Ask HN: How would you take over the world? - goodweeds

Most of us have a little bit of evil genius in us, stuck in the back of our minds. Some of us go so far as to day dream about going further. How would you take over the world? Military action? The ballot box? Media?
======
nestlequ1k
I'd use the United States as it's already the biggest military and has the
largest influence on the world. Get to know the political system there, it's
ins and outs. Figure out how to hack it, by saying just the right thing to
just the right groups. Take lots of acting classes. Get damn good at it.

Start out as a Republican, get to be a senator or house member or something.

During this time make sure to be slavishly devoted to the military. Fight for
veterans benefits, pay increases, increased recruitment. Treat the military
like royalty. Allow the military to join public employee unions, strike, take
up dues. This will fuel all your political campaigns to come.

Then switch to a 3rd party and use your military union backing to run for
president. Spend all your time attacking the two parties using the other
parties standard attack lines (republicans: heartless, democrats: weak).
There's lots to attack on each side, present yourself as the "3rd option".
Take your existing 10%, then pull in an additional 15% percent (of the total
vote) from each party. You'll win with 35%.

After being elected, ally with the Republicans to get your pro military policy
passed. Ally with the democrats to turn on the fairness doctrine again and
support everything the public employee unions want. Increase their funding so
they can give it back to you in donations. Implement a flat tax, remove
corporate taxes, and jack up government spending at every level. All your
spending will be fueled through the Fed, guised as economic stimulus. Ridicule
those worried about the value of the dollar as pessimists and enemies of the
state. Convince them a lower dollar will mean more exports and jobs at home.

Crack down on the internet in the interests of protecting jobs, preventing
piracy, and increasing fairness. Keep control over all methods of
communication. Controlling the internet will be key to all other steps, in
controlling information, and keeping a consensus in your country supporting
your radical foreign policy. It'll also be a key weapon of economic warfare
with other countries.

Appoint 1 or 2 members to the supreme court and then through an act of
supposed foreign terrorism, neutralize the rest of the members. Set up a war
against those terrorists, with wartime powers. Resist any acts to appoint new
supreme court members. Cancel all further elections until the threat is taken
care of.

Be a strong and resolute leader. Target China as an opponent since they are
one of the biggest threats to US domination. Turn Japan, South Korea, and
India into US territories in the interests of protecting it from China. Take
down China by pledging support of protecting the rich coastal regions. Start a
war with the communist regime, and take it down. Switch China to the US dollar
and establish it as a commonwealth of the US empire.

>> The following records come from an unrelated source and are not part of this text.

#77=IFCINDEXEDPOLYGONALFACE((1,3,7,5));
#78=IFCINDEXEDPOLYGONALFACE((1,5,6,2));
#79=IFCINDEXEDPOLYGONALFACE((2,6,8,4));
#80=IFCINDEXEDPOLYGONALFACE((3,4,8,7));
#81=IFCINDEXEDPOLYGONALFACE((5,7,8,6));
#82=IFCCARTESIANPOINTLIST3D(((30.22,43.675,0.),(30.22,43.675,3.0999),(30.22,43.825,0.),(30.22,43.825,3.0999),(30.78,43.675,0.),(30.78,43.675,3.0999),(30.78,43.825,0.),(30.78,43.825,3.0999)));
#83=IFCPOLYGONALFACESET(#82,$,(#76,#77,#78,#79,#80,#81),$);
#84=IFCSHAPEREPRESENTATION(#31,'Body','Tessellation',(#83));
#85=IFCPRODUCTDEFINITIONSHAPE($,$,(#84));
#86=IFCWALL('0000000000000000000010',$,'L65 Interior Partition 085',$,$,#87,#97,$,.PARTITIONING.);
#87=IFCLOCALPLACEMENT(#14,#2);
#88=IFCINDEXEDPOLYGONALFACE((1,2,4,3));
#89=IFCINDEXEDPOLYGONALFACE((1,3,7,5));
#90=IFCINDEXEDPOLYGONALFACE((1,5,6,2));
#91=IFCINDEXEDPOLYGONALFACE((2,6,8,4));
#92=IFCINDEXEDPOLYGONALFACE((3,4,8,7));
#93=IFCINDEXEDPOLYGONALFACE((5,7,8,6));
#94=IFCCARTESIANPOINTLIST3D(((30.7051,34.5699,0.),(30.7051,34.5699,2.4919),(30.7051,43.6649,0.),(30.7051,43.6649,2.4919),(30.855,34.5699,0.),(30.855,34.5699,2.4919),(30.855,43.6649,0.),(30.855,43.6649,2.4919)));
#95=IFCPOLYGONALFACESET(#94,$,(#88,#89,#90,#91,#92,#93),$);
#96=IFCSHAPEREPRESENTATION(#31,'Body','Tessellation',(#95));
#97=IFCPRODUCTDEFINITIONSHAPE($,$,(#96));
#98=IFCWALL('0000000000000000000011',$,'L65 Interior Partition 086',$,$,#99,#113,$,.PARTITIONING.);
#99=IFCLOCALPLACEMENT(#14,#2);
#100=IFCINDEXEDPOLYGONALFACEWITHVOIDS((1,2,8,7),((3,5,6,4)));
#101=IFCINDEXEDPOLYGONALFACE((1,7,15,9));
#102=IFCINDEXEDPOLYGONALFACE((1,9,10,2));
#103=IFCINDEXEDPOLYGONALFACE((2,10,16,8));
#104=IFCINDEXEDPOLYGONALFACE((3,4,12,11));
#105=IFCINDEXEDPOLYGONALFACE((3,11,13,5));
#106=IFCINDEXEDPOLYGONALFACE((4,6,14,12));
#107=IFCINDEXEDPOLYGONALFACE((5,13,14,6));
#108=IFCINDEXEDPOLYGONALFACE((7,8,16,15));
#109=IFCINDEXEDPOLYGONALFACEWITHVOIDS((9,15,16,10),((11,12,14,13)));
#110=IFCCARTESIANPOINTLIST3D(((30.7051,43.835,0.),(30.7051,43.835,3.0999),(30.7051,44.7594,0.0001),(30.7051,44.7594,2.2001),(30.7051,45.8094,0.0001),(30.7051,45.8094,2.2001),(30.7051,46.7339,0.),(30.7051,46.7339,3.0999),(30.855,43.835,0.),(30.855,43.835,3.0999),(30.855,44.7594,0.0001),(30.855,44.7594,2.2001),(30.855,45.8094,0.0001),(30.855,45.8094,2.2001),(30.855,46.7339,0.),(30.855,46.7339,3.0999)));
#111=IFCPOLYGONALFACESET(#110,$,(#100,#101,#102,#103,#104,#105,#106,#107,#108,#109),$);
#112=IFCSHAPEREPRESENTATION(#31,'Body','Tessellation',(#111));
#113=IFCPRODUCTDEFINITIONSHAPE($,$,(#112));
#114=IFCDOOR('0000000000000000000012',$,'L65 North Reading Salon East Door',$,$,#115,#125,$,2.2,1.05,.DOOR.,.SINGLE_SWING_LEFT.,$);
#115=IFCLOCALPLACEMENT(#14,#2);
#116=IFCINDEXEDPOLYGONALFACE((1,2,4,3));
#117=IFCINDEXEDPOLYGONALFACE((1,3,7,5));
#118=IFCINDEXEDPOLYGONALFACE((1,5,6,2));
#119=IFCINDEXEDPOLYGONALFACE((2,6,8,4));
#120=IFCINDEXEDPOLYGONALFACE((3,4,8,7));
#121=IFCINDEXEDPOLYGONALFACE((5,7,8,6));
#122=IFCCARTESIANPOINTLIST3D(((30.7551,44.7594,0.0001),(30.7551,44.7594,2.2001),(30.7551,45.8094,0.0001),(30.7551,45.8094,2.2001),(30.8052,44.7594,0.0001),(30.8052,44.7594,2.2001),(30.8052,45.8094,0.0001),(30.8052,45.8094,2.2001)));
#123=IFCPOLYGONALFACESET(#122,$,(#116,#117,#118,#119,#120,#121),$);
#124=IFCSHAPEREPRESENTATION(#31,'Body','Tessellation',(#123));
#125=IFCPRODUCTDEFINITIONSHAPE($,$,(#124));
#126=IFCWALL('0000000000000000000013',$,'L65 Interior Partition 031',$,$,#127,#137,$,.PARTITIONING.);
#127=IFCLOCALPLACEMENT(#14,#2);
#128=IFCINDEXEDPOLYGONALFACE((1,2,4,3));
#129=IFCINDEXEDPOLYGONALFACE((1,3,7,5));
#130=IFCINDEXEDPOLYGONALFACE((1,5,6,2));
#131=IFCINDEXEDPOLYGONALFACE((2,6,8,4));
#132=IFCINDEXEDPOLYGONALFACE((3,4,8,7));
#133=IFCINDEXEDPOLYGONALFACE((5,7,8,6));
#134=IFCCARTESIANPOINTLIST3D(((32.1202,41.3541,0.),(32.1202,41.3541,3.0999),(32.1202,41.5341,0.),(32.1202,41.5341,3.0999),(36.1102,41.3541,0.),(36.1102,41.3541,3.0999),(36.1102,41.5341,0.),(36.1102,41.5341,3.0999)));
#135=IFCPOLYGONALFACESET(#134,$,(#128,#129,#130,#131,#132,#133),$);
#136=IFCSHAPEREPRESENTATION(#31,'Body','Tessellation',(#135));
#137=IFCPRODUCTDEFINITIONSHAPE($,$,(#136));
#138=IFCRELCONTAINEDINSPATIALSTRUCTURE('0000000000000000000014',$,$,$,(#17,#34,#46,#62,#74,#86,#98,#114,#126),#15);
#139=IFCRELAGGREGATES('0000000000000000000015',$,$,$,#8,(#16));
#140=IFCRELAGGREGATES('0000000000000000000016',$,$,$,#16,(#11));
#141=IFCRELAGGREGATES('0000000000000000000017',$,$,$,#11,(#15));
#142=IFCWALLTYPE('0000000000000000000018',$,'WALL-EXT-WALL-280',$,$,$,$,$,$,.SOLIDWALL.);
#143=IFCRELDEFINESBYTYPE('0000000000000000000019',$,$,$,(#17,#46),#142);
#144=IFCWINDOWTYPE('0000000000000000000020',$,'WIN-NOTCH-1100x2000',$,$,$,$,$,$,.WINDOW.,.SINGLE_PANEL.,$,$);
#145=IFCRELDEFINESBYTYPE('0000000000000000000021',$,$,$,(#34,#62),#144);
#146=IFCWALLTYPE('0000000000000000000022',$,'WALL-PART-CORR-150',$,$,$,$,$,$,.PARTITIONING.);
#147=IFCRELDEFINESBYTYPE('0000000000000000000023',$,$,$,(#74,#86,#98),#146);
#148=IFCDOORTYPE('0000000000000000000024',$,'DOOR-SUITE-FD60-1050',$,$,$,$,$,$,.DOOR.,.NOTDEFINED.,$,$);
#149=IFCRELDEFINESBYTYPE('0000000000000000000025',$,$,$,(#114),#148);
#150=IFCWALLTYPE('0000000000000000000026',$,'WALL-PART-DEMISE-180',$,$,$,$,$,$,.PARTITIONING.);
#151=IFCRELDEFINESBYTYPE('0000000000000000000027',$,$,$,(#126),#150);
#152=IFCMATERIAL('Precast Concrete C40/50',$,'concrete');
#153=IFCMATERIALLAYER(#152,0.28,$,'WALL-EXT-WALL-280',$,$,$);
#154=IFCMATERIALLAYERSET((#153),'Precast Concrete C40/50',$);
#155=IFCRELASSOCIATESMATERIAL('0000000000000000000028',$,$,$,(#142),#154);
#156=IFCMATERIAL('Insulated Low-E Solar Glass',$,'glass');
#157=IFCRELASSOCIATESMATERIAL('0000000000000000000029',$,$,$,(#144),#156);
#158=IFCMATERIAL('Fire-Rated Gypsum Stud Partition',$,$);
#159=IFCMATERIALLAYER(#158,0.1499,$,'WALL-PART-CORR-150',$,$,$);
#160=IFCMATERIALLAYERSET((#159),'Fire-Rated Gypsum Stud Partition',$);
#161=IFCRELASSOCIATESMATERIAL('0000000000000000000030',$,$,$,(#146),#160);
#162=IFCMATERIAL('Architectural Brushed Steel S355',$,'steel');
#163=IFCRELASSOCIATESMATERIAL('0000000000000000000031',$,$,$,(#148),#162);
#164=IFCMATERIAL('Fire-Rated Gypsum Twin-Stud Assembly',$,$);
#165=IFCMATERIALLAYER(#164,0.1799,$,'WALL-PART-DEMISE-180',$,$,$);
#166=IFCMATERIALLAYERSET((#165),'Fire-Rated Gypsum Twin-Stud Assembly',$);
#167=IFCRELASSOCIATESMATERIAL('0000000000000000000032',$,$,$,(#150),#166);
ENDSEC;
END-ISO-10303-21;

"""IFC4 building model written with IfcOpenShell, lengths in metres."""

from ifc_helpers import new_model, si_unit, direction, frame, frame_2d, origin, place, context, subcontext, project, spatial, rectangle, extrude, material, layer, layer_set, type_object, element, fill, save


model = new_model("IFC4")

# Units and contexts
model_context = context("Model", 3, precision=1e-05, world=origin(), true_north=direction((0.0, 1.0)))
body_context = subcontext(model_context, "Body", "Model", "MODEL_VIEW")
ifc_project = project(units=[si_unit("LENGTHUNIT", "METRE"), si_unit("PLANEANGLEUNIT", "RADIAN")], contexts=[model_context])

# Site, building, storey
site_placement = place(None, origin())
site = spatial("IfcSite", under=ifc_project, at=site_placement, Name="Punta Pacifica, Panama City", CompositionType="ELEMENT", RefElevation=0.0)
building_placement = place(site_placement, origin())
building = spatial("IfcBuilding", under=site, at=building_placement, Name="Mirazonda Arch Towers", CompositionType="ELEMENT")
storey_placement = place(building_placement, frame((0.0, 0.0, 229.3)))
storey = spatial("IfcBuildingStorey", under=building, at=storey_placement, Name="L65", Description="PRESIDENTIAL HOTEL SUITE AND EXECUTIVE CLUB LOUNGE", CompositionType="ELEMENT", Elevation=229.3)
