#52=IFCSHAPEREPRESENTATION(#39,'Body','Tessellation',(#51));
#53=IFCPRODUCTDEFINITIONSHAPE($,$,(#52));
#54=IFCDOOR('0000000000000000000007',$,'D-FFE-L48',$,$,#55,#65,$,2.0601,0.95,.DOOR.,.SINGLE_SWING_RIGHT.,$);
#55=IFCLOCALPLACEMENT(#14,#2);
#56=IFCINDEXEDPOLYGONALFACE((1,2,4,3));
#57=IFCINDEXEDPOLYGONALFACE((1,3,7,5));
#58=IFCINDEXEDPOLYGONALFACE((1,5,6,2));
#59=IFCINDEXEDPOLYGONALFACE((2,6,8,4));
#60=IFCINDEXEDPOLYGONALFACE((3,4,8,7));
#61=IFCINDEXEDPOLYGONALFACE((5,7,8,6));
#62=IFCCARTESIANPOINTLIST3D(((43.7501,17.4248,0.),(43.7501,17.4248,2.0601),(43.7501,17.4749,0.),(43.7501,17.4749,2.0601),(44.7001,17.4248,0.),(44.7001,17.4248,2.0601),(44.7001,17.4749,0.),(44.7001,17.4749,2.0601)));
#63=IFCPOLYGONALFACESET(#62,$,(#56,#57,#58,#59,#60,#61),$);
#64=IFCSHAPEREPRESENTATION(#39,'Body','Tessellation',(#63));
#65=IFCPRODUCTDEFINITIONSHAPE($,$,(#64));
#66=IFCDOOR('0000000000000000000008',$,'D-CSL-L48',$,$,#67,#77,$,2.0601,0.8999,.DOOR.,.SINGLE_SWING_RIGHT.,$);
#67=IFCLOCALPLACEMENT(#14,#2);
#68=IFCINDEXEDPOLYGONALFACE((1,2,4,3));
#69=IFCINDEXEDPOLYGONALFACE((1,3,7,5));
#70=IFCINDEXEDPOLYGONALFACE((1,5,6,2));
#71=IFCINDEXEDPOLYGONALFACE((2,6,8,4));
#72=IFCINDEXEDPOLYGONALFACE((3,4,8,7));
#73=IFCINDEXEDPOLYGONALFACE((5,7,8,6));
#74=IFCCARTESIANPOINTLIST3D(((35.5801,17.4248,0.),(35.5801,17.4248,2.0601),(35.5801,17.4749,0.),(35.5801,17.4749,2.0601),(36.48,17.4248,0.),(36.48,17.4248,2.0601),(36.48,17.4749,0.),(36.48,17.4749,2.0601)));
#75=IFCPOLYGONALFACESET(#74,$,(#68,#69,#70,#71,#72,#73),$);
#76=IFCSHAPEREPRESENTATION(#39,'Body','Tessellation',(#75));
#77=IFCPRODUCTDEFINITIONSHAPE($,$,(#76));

Then take on Russian using economic warfare (force oil prices down to
20/barrel by subsidizing overproduction in the middle east).

Take down the EU with your monetary policy. Low dollar means less imports from
Europe. Make it against the law for any bank to lend to a foreign government.
These small steps will provide the weight to collapse an already weak EU.
Eventually subvert and take over the union. Establish the US dollar as the
currency in Europe.

Invade Mexico under the pretense of stopping the immigration problem. Boycott
and blockade Canada until they collapse. Trade policy is the weapon of choice
for taking control over North America. They already depend on the US for
survival so selectively cut their oxygen until their governments collapse, and
then step in to pick up the pieces.

Take over South America by controlling the flow of goods and information. Then
install puppet governments.

Leave Africa for last. That one can be done by traditional military invasion,
preceded by 6 months of propaganda about how horrible it is for those living
there (mostly true). Demonize the dictators of each African state, then invade
each country one by one in wars of compassion and establish each as a US
commonwealth.

That just leaves Australia. Use a sustained democratic subversion campaign to
convince a majority of the population to support being annexed by the United
States.

Go down in history as the man who unified the world, brought peace and
happiness, and reigned over the next golden age.

------
beatpanda
Slowly, over the course of hundreds of years, through a well-funded secret
society that slowly ingratiates itself into institutions at all levels across
the political spectrum all around the world. I would focus especially on
international NGOs, central banks, top world universities, global media
companies and missionary religious orders.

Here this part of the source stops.